Source : 20 minutes http://www.20minutes.fr/medias/1247...

La SCAM (Société civile des auteurs multimédia) publie une étude à l’occasion des Assises du journalisme de Metz... A. GELEBART avec AFP Publié le 07.11.2013

Petits boulots en extra, précarité, statuts contournés, sites à alimenter : les conditions d’exercice du métier de journaliste se dégradent, avertit la Scam (Société civile des auteurs multimédia) après une enquête auprès de 3.400 journalistes et présentée aux Assises du journalisme de Metz.
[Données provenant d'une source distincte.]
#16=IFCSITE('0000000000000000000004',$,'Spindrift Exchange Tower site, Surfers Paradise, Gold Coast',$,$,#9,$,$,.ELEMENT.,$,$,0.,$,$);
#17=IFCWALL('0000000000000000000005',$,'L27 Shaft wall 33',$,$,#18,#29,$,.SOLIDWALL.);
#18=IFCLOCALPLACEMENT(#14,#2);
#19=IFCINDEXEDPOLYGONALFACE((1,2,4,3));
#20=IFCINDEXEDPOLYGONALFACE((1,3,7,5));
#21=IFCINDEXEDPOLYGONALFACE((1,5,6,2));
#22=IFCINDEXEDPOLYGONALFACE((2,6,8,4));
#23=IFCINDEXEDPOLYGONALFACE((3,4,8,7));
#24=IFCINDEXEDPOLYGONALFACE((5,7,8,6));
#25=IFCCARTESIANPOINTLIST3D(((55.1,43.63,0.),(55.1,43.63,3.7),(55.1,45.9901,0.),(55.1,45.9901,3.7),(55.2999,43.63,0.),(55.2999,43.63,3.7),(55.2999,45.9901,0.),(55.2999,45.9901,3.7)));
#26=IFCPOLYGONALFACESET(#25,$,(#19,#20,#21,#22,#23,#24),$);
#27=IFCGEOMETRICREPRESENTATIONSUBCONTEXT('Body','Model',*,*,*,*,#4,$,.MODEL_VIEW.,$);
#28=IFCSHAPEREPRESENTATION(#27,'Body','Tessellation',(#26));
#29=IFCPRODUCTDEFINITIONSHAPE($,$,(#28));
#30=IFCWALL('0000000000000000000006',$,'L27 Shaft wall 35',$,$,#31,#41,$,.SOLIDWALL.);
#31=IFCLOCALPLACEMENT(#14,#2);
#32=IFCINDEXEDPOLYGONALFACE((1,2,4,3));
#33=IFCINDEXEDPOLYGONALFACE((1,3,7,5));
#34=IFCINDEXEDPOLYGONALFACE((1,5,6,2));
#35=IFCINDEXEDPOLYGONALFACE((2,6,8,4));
Des revenus en baisse. Près d’un journaliste sur trois déclare avoir une activité extra-journalistique pour compléter ses revenus. Des revenus d’ailleurs extrêmement disparates : 12% d’entre eux gagnent moins que le Smic, 18% entre 13.000 et 20.000 euros nets par an, 46% entre 20.000 et 40.000, 18% entre 40.000 et 60.000 et 6% au delà, selon cette étude

Des statuts divers pour réduire les charges patronales. Tendance grandissante, la diversité des statuts, car pour réduire leurs charges patronales, de plus en plus d’employeurs, surtout les nouveaux médias internet, paient les journalistes en droits d’auteur ou en factures en leur demandant de prendre un statut d’auto-entrepreneur. Ou encore, dans les télévisions, les journalistes vidéastes sont fréquemment employés comme intermittents du spectacle, ce qui permet de ne les payer qu’une partie du temps.

62% de CDI. Ainsi si 62% des répondants sont des salariés en CDI et 28% sont pigistes — statut assimilable à un salarié ponctuel — on compte aussi 6% d’auto-entrepreneurs, 6% de travailleurs indépendants , 6% d’auteurs et 3% d’intermittents. Un taux supérieur à 100% car 12% ont plusieurs statuts. Le phénomène se développe surtout chez les journalistes multimédias, qui sont à 30% travailleurs indépendants ou auto-entrepreneurs. Chez les réalisateurs, 48% sont intermittents. Les photographes, population la plus précaire, sont les plus nombreux à avoir de multiples statuts.

De plus en plus de journalistes sans carte. Conséquences de ce cumul : la difficulté pour les journalistes à obtenir ou conserver leur carte de presse, qui suppose au moins 50% de revenus salariés provenant d’entreprises de presse. Seule la moitié environ des journalistes sous statut d’auto-entrepreneur ou d’auteur ont une carte de presse. Nombreux sont ceux qui réclament une réforme de la carte de presse et de la Commission qui les délivre, pour tenir compte de ce problème. Actuellement on compte 37.477 journalistes encartés.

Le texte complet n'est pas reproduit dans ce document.